—Comment cela finit-il?
—Nous nous assîmes au bord du chemin, attendant qu'un passant nous tirât de peine. Bientôt un voyageur se présente: Monsieur, lui dis-je, voici mon ami qui prétend que Bayonne est à gauche, et je soutiens qu'il est à droite.—Mes beaux Messieurs, répondit-il, vous avez, chacun de vous, un peu tort et un peu raison. Gardez-vous des idées arrêtées et des systèmes absolus. Bonsoir!—Et il partit. J'étais tenté de lui envoyer une pierre dans le dos, quand j'aperçus un second voyageur qui venait vers nous.—Je l'accostai le plus poliment du monde, et lui dis: Brave homme, nous sommes désorientés. Dites-nous si, pour rentrer à Bayonne, il faut marcher par ici ou par là.—Ce n'est pas la question, nous dit-il: l'essentiel est de ne pas franchir la distance qui vous sépare de Bayonne, d'un seul bond et sans transition. Cela ne serait pas sage, et vous risqueriez de vous casser le nez.—Monsieur, lui dis-je, c'est vous qui n'êtes pas dans la question. Quant à notre nez, vous y prenez trop d'intérêt. Soyez sûr que nous y veillerons nous-mêmes. Cependant, avant de nous décider à marcher vite ou lentement, il faut bien que nous sachions de quel côté il faut marcher.—Mais le maroufle insistant: Marchez progressivement, nous dit-il, et ne mettez jamais un pied devant l'autre sans avoir bien réfléchi aux conséquences. Bon voyage.—Ce fut heureux pour lui qu'il y eût du plomb de loup dans mon fusil; s'il n'y eût eu que de la grenaille, franchement, j'aurais criblé au moins la croupe de sa monture.

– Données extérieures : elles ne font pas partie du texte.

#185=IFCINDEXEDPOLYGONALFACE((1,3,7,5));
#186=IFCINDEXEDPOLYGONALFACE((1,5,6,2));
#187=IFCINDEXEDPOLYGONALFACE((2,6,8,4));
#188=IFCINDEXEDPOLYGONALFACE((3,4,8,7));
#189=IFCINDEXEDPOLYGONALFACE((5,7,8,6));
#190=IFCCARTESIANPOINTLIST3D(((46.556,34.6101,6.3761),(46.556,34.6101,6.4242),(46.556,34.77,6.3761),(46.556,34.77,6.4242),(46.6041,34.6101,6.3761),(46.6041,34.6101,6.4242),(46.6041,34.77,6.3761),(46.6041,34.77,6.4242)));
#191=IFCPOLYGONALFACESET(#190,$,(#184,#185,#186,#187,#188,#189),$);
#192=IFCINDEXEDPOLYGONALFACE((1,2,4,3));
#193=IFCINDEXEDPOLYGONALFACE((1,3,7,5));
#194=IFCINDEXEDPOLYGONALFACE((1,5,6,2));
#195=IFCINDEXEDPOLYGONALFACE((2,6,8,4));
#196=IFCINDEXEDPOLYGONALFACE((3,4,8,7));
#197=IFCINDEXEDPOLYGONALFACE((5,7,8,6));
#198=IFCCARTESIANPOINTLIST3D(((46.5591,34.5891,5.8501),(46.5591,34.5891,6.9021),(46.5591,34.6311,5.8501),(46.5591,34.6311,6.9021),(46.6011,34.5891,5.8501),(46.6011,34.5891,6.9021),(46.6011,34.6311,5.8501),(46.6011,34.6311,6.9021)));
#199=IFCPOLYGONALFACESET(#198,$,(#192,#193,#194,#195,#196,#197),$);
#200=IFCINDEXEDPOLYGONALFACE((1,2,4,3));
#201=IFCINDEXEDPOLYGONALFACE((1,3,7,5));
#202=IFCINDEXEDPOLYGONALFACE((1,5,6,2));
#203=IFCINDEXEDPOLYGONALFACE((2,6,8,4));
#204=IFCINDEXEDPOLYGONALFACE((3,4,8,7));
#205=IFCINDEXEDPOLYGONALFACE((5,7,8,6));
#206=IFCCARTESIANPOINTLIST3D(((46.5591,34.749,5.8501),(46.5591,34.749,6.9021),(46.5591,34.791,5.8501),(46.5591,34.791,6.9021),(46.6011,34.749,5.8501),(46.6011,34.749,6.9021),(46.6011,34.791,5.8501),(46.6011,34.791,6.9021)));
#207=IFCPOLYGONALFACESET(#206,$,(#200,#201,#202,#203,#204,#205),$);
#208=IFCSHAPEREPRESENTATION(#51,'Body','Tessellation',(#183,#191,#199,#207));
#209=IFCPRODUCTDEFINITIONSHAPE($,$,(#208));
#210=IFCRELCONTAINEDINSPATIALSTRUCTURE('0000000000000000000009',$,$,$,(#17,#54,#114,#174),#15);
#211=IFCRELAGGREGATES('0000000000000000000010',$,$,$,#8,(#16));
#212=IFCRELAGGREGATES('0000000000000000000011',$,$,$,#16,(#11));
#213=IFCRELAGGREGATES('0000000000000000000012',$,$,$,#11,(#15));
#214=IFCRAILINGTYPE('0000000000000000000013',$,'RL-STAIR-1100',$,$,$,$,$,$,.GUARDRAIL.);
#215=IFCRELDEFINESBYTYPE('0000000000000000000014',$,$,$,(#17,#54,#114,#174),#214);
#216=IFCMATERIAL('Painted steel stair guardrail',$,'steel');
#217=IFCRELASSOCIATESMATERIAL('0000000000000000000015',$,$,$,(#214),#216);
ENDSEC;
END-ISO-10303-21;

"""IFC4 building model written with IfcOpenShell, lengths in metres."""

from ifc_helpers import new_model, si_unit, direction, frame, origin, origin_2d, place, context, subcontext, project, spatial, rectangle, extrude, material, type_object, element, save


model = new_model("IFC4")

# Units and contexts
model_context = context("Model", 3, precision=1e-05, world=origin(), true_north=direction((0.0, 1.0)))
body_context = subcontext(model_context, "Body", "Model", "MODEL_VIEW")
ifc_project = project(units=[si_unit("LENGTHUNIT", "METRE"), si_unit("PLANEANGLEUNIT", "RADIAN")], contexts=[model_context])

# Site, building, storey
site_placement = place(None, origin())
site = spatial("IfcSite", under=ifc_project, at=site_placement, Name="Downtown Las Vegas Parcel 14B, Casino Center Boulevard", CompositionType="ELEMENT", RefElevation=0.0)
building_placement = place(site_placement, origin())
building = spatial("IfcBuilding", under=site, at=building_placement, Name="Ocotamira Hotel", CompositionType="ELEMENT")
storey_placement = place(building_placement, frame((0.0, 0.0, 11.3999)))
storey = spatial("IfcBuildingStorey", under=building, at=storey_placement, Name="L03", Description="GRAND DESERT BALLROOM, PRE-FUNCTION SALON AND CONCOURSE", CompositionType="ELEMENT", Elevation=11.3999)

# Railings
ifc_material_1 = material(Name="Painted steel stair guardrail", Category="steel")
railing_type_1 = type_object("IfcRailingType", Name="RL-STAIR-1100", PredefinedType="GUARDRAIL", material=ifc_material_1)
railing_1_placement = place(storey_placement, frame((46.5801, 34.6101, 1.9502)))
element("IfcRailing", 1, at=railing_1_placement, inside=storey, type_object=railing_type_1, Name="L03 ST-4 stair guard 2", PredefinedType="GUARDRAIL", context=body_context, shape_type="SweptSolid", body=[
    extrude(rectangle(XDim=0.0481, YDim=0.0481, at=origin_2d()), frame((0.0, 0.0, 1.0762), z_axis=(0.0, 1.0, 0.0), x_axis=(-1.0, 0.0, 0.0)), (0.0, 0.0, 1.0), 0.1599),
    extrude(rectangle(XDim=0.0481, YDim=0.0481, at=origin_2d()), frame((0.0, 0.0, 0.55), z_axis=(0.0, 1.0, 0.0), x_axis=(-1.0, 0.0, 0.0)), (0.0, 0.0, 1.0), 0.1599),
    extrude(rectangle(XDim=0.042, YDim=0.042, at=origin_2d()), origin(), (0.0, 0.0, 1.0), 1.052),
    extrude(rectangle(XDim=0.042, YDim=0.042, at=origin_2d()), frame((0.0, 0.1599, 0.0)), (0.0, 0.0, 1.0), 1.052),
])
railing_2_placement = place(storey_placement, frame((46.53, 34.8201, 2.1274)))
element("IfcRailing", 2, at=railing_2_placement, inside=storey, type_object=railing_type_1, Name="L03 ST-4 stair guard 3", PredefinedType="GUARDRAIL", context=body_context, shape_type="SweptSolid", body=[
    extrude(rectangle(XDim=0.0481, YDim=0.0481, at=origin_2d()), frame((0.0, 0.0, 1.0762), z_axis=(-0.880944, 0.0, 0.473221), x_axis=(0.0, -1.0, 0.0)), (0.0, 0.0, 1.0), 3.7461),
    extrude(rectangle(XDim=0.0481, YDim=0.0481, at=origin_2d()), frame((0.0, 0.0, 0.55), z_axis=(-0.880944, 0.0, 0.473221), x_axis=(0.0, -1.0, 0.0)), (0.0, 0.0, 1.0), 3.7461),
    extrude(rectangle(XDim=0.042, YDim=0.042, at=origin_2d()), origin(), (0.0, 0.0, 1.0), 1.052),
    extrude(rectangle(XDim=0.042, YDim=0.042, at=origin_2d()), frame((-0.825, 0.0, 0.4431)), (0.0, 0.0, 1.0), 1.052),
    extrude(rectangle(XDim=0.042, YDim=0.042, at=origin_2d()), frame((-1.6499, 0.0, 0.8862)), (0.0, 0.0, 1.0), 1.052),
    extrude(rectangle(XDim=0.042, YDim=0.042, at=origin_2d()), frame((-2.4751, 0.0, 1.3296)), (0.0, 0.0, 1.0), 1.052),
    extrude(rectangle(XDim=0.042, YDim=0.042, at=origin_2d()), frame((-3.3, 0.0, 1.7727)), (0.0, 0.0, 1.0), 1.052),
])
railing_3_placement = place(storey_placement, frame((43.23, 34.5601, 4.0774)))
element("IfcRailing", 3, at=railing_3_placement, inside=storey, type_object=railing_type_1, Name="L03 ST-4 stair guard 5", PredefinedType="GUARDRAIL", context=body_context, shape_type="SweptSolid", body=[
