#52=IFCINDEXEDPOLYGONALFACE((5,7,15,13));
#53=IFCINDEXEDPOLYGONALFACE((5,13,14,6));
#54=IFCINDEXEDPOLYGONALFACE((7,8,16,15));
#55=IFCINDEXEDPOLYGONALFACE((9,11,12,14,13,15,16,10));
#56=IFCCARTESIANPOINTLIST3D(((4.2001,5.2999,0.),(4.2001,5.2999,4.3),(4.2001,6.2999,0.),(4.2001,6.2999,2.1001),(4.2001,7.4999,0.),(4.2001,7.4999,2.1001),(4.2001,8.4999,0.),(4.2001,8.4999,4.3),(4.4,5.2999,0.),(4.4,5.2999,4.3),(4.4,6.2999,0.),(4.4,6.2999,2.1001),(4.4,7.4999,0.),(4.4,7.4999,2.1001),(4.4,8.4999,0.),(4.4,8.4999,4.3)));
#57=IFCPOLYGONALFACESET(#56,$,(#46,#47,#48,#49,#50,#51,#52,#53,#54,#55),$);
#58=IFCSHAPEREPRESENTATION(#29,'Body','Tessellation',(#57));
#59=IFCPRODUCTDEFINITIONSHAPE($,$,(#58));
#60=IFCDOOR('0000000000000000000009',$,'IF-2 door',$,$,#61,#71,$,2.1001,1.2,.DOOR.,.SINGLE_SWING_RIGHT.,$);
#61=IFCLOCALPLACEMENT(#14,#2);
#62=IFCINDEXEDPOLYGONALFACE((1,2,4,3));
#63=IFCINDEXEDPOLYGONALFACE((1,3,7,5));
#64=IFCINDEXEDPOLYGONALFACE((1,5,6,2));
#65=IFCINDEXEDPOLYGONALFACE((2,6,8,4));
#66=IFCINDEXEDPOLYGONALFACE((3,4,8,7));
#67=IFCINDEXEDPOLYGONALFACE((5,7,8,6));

—Pour punir le cavalier. Ô justice distributive!
—Survint un troisième voyageur. Il avait l'air grave et posé. J'en augurai bien, et lui adressai ma question: De quel côté est Bayonne?—Chasseur diligent, me dit-il, il faut distinguer entre la théorie et la pratique. Étudiez bien la configuration du sol, et si la théorie vous dit que Bayonne est vers le bas, marchez vers le haut.
—Mille bombes! m'écriai-je, avez-vous tous juré?...
—Ne jurez pas vous-même. Et dites-moi quel parti vous prîtes.
—Celui de suivre la première moitié du dernier conseil. Nous examinâmes l'écorce des bruyères, la pente des eaux. Une fleur nous mit d'accord. Vois, dis-je à Eugène, elle a coutume de se pencher vers le soleil.
Et cherche encor le regard de Phébus.
Donc, Bayonne est là. Il se soumit à ce gracieux arbitrage, et nous cheminâmes d'assez bonne intelligence. Mais, chose singulière! Eugène avait de la peine à laisser le monde tel qu'il est, et l'univers, faisant un demi-tour dans son imagination, le replaçait sans cesse sous l'empire de la même erreur.
—Ce qui est arrivé à votre ami, en géographie, vous arrivera souvent en économie politique. La carte se retourne dans le cerveau, et l'on trouve alors des donneurs d'avis de la même force.